Infantry may never have worn
great helms, but it's a nice touch.
Like the latest Kessen title, Bladestorm is primarily single-player tactical action. France's and England's royalty, the artificial intelligence, administers the war's campaigns. Gameplay involves only two sets of strategic choices — which engagement to participate in, and from which city or fortification to start. As mercenaries, players correspond roughly to nobles, directing single companies on the field. From an interactive menu, "the Tavern," they can select contracts and embark on campaigns, purchase personal equipment and books on martial instruction, familiarize themselves with their contemporaries, and recruit troops. The maximum size of a cohort is derived from the player-character's experience with a given infantry or cavalry type; with numerical favor to footmen, a company can reach nearly three dozen. Soldiers specialize in the materiel of the day: belt-slung weapons, bows, spears, polearms.

Basic combat is straightforward — needing only the directional pad and right shoulder button — but includes button combinations of unit-specific actions and special items; the opportune use of which becomes essential as the game progresses. Players may choose to closely accompany combined, AI-controlled armies as they follow maneuvers — paths designated, on an inset map, as colored arcs that change according to a battle's events. Or, they may move sympathetically but independently. Allied forces are methodical but not always shrewd or expeditious. Players, then, must intervene to complete time-limited campaigns or countervail superior opposition.

Here, temerity is rewarded, Bladestorm's representation of warfare in the high middle ages defined by points of leverage. Koei minimized strategy and its attendant formality. Only a single enemy leader, a "base commander," need be defeated to capture a city or town — as soon as he is found inside the walls and beaten, all nearby enemy units disperse and several allied units appear. The expense to realism is slight, this conjury a justified — and even short-lived — advantage. Players can level inauspicious odds with good timing and judgment: flanking, while allies meet an army head-on, to split the force or surprise the rear guard; circumventing armies altogether, going straight for an objective; intercepting and eliminating stragglers; or drawing off and overpowering defensive companies, exposing a base commander. Koei finely balanced dynamics — players should feel neither superfluous nor burdened, but welcome to risk everything for a swift victory.

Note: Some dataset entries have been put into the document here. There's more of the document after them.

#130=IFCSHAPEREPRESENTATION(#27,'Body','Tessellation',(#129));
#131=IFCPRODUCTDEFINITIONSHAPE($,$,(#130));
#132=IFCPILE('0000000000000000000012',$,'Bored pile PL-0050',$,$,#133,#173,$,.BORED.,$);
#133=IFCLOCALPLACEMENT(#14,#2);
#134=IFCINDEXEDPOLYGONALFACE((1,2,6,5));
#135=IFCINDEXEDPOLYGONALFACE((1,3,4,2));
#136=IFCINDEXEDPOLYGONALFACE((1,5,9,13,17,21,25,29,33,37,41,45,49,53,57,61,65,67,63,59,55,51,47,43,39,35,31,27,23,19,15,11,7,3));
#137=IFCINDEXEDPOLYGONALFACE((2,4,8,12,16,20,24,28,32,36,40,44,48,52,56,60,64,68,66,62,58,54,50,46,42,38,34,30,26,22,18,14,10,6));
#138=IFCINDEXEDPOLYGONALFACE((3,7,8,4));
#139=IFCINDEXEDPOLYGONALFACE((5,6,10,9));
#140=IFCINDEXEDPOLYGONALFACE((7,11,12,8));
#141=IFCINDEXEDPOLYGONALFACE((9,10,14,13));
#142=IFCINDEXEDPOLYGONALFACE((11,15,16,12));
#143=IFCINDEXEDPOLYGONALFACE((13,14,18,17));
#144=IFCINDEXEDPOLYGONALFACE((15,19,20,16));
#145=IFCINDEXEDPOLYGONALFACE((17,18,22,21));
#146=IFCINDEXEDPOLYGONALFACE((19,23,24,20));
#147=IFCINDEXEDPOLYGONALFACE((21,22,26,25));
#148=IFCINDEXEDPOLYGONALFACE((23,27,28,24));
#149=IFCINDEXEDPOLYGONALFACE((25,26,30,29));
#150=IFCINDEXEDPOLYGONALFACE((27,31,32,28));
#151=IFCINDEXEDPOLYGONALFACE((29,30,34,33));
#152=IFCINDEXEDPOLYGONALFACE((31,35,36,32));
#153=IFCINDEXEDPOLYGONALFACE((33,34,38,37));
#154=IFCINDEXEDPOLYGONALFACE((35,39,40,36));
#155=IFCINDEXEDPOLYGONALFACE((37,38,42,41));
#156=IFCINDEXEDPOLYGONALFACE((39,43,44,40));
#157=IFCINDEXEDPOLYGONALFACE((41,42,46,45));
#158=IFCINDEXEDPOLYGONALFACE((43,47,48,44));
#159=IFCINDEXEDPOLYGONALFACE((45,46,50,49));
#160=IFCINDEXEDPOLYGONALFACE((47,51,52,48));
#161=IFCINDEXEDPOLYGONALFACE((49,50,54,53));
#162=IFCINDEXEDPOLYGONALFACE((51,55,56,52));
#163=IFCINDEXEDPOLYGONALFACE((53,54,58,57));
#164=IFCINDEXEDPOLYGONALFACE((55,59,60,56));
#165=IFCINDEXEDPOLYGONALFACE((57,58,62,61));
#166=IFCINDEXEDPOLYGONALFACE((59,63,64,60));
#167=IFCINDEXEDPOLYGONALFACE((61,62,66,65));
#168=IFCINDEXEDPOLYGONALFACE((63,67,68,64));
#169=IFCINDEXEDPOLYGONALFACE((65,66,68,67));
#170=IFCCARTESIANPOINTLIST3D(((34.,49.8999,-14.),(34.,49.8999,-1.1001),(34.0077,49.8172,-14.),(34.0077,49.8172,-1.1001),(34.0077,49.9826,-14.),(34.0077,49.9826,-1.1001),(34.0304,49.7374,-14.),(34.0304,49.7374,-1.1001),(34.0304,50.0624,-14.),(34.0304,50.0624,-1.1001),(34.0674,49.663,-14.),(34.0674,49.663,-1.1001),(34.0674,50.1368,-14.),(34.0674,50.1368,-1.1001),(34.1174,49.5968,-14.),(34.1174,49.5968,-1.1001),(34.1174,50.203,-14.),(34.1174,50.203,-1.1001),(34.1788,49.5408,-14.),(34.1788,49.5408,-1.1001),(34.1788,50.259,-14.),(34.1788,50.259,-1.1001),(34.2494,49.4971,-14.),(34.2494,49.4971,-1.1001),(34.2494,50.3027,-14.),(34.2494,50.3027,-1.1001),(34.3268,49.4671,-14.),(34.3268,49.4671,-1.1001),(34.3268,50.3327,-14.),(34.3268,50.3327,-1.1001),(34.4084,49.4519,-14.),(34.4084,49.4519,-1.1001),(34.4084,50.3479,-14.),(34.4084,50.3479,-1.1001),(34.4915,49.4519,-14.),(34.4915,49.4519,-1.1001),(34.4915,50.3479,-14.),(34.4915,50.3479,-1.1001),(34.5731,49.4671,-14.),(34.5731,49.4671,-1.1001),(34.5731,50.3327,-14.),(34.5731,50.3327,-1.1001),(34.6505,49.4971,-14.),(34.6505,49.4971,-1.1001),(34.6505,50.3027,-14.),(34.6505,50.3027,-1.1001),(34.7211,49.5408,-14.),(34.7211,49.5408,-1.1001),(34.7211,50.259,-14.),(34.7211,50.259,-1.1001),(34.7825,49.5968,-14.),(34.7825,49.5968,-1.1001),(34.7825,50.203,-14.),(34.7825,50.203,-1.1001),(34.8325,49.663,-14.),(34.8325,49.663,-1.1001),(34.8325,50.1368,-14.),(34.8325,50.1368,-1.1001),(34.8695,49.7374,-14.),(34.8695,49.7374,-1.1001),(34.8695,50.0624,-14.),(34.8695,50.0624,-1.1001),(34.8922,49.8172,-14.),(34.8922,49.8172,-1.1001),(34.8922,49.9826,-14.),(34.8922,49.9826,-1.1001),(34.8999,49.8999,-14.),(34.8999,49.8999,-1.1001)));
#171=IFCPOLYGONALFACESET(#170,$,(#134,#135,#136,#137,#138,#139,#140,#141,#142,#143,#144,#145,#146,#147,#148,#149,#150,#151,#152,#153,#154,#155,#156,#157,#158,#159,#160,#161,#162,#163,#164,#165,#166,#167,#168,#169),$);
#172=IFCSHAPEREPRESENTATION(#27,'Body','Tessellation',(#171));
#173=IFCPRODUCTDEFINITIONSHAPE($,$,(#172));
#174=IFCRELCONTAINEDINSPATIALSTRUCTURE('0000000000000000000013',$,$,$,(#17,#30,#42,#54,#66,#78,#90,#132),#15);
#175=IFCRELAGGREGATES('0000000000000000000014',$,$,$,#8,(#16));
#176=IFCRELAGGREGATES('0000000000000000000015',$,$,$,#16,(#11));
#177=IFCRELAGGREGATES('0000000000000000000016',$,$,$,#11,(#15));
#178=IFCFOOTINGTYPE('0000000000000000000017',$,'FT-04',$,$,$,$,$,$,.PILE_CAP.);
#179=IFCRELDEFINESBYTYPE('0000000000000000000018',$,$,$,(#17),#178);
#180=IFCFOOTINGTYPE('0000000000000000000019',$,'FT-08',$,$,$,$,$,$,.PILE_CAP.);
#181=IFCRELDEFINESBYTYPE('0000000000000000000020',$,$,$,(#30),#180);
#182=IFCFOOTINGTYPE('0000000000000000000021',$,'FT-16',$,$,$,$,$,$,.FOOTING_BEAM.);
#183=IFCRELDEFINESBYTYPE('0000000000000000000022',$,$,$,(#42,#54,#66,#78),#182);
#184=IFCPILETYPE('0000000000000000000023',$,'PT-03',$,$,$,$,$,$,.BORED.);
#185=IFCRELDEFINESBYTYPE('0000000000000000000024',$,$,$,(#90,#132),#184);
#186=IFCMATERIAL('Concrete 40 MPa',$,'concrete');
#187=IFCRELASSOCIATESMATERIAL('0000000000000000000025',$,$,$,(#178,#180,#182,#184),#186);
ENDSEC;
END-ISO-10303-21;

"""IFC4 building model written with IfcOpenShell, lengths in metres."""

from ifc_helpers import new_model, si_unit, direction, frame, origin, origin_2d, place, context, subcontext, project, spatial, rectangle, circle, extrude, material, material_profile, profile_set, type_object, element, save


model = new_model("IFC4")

The cavalry charge: at the beginning
of its end, but still useful.
Even without strategy, Bladestorm might still impose. The manual is dizzying, and should be skimmed; then used only for reference after in-game tutorials are over. Button pathways can be confusing at first, subgroups difficult to distinguish from others; while one's comprehension of the inset map — geographically relative and a little crowded — requires a good, long look at the immediate region. For the historically minded, Bladestorm is bedecked with anachronisms and Japanese embellishments, from a graphic interface more appropriate for Phantasy Star — its button-push chimes constantly interrupting immersion — to flamboyant stylizations in characters' semblance and dress. And gameplay doesn't vary: those to whom this genre doesn't appeal won't like it.

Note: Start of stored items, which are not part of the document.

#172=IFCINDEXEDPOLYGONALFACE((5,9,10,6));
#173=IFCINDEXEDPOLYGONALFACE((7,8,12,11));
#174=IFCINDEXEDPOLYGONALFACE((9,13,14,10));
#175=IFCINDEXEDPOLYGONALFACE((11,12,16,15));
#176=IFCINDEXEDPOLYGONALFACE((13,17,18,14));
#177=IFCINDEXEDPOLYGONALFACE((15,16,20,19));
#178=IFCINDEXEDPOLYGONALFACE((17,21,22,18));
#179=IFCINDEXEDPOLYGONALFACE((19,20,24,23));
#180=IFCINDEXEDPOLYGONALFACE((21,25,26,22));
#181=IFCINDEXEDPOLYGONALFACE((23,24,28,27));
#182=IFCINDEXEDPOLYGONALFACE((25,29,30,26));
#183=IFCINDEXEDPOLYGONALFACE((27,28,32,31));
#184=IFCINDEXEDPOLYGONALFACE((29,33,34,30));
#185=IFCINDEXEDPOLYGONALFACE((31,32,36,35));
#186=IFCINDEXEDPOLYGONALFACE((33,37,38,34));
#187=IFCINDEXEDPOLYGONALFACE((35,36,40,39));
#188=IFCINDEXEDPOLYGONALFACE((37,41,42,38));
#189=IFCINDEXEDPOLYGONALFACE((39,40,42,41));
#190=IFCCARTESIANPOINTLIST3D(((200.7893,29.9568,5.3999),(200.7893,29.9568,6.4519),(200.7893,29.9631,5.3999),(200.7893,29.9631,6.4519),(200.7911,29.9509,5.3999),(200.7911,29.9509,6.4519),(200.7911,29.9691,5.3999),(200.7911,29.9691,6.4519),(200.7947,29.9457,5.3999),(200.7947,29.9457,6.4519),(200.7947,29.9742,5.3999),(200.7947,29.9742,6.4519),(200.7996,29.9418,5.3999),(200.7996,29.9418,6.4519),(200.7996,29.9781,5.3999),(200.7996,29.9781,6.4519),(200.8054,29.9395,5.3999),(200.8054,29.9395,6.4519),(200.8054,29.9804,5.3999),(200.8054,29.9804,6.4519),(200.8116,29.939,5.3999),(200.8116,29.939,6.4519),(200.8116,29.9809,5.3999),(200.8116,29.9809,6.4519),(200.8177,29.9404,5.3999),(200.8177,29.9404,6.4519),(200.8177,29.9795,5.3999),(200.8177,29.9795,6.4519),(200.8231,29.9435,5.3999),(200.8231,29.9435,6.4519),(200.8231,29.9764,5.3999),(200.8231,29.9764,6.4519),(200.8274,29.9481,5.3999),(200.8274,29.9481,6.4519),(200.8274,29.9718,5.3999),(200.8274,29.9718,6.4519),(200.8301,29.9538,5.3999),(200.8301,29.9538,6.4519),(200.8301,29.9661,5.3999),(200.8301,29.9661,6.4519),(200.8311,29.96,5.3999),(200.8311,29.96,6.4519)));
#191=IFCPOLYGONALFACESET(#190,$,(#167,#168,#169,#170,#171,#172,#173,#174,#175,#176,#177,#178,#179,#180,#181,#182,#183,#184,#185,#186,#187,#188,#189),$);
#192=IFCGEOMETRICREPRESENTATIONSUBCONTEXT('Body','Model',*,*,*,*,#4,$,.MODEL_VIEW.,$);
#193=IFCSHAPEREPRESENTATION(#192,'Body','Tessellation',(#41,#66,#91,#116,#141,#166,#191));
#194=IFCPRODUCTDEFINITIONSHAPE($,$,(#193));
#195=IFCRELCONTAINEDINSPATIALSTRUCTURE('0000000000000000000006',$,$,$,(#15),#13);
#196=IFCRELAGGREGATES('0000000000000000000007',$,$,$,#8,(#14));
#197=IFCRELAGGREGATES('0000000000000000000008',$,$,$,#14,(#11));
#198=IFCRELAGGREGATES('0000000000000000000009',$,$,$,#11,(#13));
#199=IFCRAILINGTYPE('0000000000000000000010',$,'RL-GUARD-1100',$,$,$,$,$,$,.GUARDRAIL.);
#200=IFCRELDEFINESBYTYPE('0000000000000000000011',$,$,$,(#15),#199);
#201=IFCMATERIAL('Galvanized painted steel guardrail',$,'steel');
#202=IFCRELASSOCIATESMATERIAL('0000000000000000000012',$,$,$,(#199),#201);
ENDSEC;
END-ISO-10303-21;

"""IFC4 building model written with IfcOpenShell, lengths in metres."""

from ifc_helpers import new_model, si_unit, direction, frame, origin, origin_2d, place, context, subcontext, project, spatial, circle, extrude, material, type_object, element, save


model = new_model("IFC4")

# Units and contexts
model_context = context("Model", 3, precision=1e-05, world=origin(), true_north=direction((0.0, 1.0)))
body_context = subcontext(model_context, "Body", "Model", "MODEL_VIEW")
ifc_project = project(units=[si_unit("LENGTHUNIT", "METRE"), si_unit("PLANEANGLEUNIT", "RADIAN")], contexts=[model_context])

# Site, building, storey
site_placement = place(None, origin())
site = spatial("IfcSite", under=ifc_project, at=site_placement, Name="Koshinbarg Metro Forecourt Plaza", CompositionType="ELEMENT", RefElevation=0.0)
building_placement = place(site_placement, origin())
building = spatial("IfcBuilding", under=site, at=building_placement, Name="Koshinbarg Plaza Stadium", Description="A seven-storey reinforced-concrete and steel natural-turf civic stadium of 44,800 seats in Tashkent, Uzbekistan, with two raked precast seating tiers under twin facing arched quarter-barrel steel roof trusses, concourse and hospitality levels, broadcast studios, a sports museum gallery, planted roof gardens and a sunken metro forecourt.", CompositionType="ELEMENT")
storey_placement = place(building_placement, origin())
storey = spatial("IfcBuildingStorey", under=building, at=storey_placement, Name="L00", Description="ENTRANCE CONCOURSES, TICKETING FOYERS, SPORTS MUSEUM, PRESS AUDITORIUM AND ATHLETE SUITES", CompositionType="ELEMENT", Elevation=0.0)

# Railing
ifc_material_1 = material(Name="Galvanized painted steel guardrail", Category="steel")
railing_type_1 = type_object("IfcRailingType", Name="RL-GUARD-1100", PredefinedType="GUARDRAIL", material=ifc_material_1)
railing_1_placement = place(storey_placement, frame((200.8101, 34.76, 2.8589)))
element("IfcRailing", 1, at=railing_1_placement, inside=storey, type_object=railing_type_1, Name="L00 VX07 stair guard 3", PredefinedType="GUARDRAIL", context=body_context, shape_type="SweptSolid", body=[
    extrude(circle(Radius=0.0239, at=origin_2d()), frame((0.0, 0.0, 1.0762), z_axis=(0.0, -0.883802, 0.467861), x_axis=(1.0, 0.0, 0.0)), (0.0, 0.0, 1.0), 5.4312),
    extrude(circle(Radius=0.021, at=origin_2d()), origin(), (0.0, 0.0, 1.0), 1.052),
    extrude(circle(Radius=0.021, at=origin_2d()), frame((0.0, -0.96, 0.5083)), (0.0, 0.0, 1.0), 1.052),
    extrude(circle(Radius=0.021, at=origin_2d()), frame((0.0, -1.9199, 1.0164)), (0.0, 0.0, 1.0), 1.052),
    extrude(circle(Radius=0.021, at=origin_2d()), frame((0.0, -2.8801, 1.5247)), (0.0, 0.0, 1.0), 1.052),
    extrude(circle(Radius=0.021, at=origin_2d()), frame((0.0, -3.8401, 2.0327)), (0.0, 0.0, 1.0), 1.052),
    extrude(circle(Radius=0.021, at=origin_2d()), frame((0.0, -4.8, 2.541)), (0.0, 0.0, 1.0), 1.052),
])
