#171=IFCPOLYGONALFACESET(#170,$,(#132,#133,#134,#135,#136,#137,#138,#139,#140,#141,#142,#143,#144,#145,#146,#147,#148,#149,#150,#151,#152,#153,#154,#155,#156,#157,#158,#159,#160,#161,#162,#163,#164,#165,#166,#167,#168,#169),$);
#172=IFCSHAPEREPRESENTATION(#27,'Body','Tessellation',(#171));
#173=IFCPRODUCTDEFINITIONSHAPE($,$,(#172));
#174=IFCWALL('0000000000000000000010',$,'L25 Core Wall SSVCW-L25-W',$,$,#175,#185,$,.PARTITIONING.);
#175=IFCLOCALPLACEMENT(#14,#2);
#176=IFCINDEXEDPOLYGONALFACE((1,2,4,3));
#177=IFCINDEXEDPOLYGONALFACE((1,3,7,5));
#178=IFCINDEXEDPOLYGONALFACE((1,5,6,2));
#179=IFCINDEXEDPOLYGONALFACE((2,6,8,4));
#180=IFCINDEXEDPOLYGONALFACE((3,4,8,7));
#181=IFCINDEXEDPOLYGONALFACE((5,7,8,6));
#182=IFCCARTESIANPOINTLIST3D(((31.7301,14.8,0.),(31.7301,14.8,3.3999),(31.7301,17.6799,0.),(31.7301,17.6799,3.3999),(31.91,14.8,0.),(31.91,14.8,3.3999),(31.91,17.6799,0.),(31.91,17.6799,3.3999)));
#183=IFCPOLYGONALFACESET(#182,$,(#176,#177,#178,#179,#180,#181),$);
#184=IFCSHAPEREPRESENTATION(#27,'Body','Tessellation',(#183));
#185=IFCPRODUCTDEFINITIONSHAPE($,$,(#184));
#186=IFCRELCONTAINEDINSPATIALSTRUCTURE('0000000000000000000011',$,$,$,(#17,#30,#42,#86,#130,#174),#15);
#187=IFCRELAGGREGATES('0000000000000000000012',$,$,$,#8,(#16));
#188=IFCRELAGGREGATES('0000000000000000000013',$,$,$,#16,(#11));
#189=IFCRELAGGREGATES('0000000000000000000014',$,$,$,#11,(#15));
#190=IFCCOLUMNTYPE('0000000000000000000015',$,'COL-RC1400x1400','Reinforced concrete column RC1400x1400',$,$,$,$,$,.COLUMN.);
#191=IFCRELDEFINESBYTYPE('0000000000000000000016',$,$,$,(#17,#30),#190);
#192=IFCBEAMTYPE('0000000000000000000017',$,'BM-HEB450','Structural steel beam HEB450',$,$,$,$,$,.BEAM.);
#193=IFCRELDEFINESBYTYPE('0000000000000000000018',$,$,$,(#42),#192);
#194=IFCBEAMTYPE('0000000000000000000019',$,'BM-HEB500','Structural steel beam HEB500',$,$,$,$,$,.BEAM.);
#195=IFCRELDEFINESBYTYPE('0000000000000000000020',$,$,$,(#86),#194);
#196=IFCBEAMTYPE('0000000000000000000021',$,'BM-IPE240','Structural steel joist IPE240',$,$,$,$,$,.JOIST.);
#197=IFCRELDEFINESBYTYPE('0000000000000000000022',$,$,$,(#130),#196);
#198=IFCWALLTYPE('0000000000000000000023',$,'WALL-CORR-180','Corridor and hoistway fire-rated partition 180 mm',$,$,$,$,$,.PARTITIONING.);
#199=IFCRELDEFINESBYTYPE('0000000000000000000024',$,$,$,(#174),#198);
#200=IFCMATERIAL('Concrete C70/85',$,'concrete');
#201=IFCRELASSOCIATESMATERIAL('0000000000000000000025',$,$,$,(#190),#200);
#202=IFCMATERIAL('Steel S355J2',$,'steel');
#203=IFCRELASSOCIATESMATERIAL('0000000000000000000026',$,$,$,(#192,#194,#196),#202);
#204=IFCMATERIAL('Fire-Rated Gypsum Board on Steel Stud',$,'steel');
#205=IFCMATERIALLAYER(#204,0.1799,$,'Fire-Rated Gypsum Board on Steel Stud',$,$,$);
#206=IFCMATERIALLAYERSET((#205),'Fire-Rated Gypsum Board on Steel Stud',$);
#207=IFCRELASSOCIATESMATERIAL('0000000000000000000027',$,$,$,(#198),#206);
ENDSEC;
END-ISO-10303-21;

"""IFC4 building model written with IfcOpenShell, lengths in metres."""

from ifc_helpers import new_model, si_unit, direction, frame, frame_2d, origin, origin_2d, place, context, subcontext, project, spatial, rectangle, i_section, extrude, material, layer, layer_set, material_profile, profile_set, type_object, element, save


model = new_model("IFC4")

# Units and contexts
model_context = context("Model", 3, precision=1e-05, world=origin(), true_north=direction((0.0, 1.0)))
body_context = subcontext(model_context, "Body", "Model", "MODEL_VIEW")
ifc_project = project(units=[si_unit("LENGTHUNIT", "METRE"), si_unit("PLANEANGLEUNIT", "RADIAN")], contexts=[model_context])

Bladestorm exhilarates even so. Koei's value for histrionics brings players as close as possible to acting out Kenneth Branagh's Henry V or Mel Gibson's Braveheart. When players instruct a contingent to attack, the answer comes in a chorus of enthusiastic shouts. Armies meet in confused, lurching throngs; clangs and yells veritable in every way that warmaking is understood. Music is superb, minor and major keys of oratorio heralding battle and reflecting a day's outcome.

What sophistication was kept from Bladestorm is instead found in — for lack of a better word — heart. There's something, just something, in the experience of the game. Directed by Koei's own solemn interpretation of history and biography, the leaders of men in Bladestorm echo Shakespeare's Exeter: "My soul shall thine keep company to heaven; tarry, sweet soul, for mine, then fly abreast, as in this glorious and well-foughten field, we kept together in our chivalry!"